CertManager does not register Certificates when using OpenShift
Summary
Translated from #1036 (comment 1298153199)
From @bartzhang
I am also having issues with using cert-manager in tandem with the operator, using it as recommended in the helm chart TLS configuration options here: https://docs.gitlab.com/charts/installation/tls.html
- Option 1a) Internal cert-manager and Issuer
- Option 2) Use your own wildcard certificate
- Option 4) Auto-generated self-signed wildcard certificate
Here's what I experienced with Option 1a)
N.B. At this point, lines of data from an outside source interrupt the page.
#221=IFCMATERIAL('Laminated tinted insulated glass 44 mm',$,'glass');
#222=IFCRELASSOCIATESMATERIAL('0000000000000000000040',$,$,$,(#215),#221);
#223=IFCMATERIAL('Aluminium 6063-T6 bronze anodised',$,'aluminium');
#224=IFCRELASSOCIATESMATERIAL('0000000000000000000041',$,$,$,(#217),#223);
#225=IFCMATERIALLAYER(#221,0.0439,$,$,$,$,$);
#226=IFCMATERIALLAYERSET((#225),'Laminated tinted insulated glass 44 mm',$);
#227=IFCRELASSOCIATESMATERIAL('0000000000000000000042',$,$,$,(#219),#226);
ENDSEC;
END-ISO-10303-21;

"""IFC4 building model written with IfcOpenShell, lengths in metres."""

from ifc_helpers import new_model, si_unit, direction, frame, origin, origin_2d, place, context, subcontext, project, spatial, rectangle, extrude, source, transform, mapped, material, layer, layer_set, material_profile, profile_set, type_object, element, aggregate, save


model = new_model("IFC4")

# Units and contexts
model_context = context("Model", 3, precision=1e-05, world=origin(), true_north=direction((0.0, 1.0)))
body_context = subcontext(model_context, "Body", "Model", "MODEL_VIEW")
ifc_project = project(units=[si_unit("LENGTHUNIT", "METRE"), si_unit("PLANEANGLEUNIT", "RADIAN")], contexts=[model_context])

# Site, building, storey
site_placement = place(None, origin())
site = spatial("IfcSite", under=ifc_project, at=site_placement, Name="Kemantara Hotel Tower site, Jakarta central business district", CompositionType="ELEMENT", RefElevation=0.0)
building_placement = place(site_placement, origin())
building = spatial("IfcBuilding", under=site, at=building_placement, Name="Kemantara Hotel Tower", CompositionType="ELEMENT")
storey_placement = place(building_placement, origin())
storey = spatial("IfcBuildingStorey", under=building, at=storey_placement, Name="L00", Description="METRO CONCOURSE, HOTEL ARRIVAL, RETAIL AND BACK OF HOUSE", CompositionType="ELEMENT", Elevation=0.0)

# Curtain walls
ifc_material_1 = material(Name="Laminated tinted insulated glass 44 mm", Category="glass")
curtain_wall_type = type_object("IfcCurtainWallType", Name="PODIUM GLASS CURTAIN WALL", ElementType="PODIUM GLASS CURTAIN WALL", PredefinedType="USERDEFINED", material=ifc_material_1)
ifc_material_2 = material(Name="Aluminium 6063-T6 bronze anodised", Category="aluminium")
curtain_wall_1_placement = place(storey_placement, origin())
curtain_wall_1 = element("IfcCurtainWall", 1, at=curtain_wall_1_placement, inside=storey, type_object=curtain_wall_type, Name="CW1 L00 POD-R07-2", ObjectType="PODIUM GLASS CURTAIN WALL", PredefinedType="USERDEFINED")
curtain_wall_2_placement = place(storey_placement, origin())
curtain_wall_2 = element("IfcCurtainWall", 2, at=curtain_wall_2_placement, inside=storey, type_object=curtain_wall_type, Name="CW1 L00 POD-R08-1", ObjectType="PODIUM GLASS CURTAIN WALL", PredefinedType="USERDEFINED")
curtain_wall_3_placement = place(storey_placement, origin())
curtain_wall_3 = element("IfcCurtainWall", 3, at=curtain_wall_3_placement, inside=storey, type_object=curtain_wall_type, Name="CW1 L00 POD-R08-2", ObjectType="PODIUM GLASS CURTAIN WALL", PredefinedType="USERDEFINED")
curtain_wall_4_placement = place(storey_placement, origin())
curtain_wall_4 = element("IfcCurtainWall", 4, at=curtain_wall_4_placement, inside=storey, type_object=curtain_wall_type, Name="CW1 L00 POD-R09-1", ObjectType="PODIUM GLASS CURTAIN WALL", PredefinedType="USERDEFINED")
kubectl logs deployment/gitlab-controller-manager -c manager -f -n gitlab-system
2023/02/28 05:08:13 http: TLS handshake error from 10.128.0.7:48996: remote error: tls: bad certificate
2023/02/28 05:08:13 http: TLS handshake error from 10.128.0.7:49010: remote error: tls: bad certificate
2023/02/28 05:08:14 http: TLS handshake error from 10.128.0.7:49016: remote error: tls: bad certificate
2023/02/28 05:08:16 http: TLS handshake error from 10.128.0.7:49032: remote error: tls: bad certificate
Followed TLS Troubleshooting steps here: https://docs.gitlab.com/charts/installation/tls.html#troubleshooting
Checked to see if Let's Debug status was OK -- https://letsdebug.net/gitlab.apps.gl-on-ocp.rsb9.p1.openshiftapps.com. Initially said that the site openshiftapps.com was rate-limited on issuing certs, then became operational in subsequent tests.
Searched crt.sh for existing certs for my Openshift cluster -- there was one existing that I could pull for Option 2) Use your own wildcard certificate https://crt.sh/?q=rsb9.p1.openshiftapps.com
kubectl describe certificate,order,challenge -n=gitlab-system
Logs attached: kubectl-describe-certificate-order-challenge.txt
Deleted existing certificates to force-request fresh ones -- Same result.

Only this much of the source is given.